The Ukrainian parliament voted in the first reading for a bill that allows foreign tech specialists to register businesses and pay taxes in Ukraine online.
The so-called e-residency is expected to bring $1.5 million to the state budget annually, according to Ukraine’s Minister of Digital Transformation Mykhailo Fedorov.
The parliament will vote for on the bill in its second reading in September but foreign techies can already apply for e-residency for free.
As of today, nearly 2,500 foreigners have decided to become e-residents of Ukraine, most of them from Pakistan and India, according to Oleksandr Bornyakov, deputy minister of digital transformation.
Tech specialists from Southeast Asia and Eastern Europe are most likely to sign up for e-residency in Ukraine, Bornyakov told the Kyiv Post. According to him, techies from these countries better understand Ukraine’s legislation and are willing to pay a low 5% income tax.

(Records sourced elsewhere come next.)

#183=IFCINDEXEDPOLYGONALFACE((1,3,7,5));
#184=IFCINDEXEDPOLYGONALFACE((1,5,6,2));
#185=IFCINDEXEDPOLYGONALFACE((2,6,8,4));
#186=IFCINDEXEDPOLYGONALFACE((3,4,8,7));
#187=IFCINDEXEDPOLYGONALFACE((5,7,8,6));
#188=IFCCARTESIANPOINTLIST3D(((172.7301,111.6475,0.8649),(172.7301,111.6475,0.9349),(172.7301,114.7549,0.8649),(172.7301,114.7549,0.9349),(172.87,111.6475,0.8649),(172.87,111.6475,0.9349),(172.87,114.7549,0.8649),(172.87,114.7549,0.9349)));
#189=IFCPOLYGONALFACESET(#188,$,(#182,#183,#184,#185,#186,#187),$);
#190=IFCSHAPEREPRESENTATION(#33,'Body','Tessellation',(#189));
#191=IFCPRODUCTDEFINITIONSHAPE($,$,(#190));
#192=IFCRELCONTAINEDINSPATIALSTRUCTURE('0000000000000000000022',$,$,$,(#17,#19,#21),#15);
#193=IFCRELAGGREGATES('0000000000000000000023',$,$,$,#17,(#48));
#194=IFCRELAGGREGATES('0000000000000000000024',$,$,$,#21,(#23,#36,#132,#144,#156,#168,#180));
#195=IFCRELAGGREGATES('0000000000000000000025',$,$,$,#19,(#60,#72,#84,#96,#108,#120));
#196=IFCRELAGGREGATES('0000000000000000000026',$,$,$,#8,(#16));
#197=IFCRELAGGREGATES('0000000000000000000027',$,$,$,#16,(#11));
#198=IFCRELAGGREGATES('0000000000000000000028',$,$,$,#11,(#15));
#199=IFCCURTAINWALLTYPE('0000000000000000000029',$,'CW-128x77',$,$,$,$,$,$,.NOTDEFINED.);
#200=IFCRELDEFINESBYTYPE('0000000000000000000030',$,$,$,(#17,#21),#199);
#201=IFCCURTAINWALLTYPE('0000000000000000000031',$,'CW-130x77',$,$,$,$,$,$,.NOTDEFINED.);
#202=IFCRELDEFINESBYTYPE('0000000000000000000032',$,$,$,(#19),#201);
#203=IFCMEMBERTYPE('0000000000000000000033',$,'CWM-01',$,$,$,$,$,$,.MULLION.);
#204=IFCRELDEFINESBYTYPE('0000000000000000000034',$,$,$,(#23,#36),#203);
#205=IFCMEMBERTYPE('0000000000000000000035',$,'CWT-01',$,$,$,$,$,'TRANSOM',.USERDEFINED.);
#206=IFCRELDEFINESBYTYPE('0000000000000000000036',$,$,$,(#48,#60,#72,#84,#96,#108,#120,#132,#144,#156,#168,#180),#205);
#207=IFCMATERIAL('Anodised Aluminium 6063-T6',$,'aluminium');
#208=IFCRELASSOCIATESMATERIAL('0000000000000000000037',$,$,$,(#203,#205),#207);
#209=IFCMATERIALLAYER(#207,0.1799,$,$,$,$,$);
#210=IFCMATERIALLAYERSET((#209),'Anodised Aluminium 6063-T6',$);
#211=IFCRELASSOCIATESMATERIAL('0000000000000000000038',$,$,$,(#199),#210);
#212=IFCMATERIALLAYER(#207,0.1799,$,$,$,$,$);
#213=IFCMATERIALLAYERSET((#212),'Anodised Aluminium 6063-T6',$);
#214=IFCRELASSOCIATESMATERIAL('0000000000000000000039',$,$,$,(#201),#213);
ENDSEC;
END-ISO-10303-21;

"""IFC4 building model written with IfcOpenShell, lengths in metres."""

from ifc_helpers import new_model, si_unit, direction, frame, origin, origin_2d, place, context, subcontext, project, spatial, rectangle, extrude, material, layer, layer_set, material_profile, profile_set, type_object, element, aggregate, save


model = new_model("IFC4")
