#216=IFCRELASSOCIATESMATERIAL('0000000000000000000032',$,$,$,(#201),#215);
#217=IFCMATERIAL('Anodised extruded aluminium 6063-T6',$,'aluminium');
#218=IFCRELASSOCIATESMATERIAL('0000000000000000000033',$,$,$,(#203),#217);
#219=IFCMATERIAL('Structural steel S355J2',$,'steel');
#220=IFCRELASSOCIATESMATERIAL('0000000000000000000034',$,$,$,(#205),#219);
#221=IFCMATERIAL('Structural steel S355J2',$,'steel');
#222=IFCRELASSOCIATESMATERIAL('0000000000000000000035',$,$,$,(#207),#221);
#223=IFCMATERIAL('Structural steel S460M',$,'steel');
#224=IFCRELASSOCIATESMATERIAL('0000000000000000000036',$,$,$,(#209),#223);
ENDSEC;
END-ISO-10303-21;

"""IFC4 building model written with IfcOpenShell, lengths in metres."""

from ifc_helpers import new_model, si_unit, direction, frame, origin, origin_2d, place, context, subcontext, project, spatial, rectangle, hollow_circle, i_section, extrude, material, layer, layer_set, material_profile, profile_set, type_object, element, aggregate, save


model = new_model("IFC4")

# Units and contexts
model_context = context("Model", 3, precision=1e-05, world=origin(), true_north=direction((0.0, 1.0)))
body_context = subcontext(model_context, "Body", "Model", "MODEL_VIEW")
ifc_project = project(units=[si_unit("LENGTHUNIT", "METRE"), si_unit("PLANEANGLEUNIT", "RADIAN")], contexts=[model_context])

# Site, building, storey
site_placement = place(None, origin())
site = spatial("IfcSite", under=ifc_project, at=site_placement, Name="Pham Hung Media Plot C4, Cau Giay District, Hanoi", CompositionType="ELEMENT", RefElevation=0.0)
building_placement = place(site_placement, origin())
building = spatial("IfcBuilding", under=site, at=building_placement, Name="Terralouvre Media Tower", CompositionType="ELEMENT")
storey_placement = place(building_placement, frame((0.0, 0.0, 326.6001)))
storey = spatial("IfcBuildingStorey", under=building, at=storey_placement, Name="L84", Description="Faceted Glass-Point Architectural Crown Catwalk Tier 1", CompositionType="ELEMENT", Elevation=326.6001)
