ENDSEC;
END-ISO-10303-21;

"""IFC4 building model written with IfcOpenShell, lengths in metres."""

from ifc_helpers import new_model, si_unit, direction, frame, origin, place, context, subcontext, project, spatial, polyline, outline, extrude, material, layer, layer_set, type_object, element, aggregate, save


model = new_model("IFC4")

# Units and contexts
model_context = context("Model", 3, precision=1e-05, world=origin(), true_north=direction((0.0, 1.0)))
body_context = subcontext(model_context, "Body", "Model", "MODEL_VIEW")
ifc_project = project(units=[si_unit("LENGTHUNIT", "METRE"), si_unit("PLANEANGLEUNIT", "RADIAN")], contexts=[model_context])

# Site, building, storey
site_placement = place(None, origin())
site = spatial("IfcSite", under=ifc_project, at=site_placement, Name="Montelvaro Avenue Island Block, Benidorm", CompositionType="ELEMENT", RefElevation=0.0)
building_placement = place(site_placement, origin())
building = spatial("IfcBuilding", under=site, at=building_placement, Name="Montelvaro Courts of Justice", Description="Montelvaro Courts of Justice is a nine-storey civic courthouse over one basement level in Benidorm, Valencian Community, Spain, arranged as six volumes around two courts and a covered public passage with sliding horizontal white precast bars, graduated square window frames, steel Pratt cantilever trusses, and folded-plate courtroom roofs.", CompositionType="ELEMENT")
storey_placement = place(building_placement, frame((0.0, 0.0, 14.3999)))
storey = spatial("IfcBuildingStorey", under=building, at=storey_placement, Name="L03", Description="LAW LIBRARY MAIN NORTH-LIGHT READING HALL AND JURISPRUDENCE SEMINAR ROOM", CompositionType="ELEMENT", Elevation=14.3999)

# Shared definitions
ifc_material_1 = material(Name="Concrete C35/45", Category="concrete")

Tech businesses from the U.S. or Western Europe usually become digital residents of Estonia, where e-residency has existed since 2014, bringing 63 million euros to the state budget in the last seven years. Even German Chancellor Angela Merkel and Microsoft founder Bill Gates became e-residents of Estonia.
With its affordable taxation and booming tech industry, Ukraine wants to repeat Estonia’s success. E-residency will help the country to attract money, improve its image and bring its tech industry closer to the rest of the world, Fedorov said.
How to become e-resident
To start a business in Ukraine now, foreigners have either to obtain a work permit or hire a Ukrainian citizen to register the company for them. Foreigners also need lawyers or local consultant companies to protect the interests of their businesses in Ukraine — it requires a lot of time and money and entails risks.
E-residency is different. To apply for it, foreign tech entrepreneurs need to fill a form on the website and visit the consulate of Ukraine abroad to confirm their identity.
After Ukraine’s Security Service (SBU) and Ministry of Internal Affairs verify the application, foreigners can become e-residents — open bank accounts in Ukraine, use the country’s state services and sign official documents with a digital signature.
E-residency allows foreign techies to do business in Ukraine just like local specialists do: to register as private entrepreneurs and pay a 5% income tax using the mobile app called Diia.
Techies registered as e-residents won’t receive an actual residency permit or a visa — they would need to submit a separate application for this.
The government has restricted the list of countries that can apply for e-residency in Ukraine. Only citizens of Pakistan, Thailand, China, Israel, Bangladesh, Germany, Slovakia, India, Belarus, Moldova and Poland can apply.
“The U.S. is excluded from the list because its specialists have no need to go to Ukraine,” Bornyakov said.
Why Ukraine
With e-residency, foreigners can avoid the country’s notorious ‘spravka culture’ that requires dozens of documents to work legally in Ukraine. E-residents, in turn, can work remotely and sign all the documents online.
In Ukraine, e-residents can work for one of the country’s tech companies as freelancers or register their legal entity here. The country has over 212,000 tech specialists that earn up to $2,500 a month. Ukraine’s tech sector grew by 20% over the last year as other businesses suffered amid the pandemic.
At first, only programmers, game developers, system administrators and different tech businesses will be able to obtain e-residency but the government will add specialists from other creative industries, including artists, musicians and designers, in the future.
Bornyakov said that Ukraine started the e-residency experiment with the information technology industry because of the industry’s familiarity with it. Tech specialists are also less likely to accept payments in cash and can thus can avoid fraud.
Pitfalls
Before giving e-residents access to its state services and bank accounts, Ukraine has to check whether they are not under sanctions or members of a terrorist group. This is the work of Ukraine’s security service, the SBU.
Bornyakov said that his ministry had “a battle” with Ukraine’s law enforcement who wanted to spend 30-50 days verifying just one application. “We said this system doesn’t work like that and convinced them to do verification in just a few days,” he added.
Another problem is privacy. E-residents will give Ukraine’s government sensitive data that has to be protected thoroughly. As of today, the bill submitted by the Ministry of Digital Transformation lacks specific security measures to guarantee the protection of e-residents data, according to Ukrainian lawyer Oksana Dukhovna.
When asked about it, Bornyakov told the Kyiv Post that the government takes security issues seriously. “There will be multiple layers of protection of e-residents data,” he said.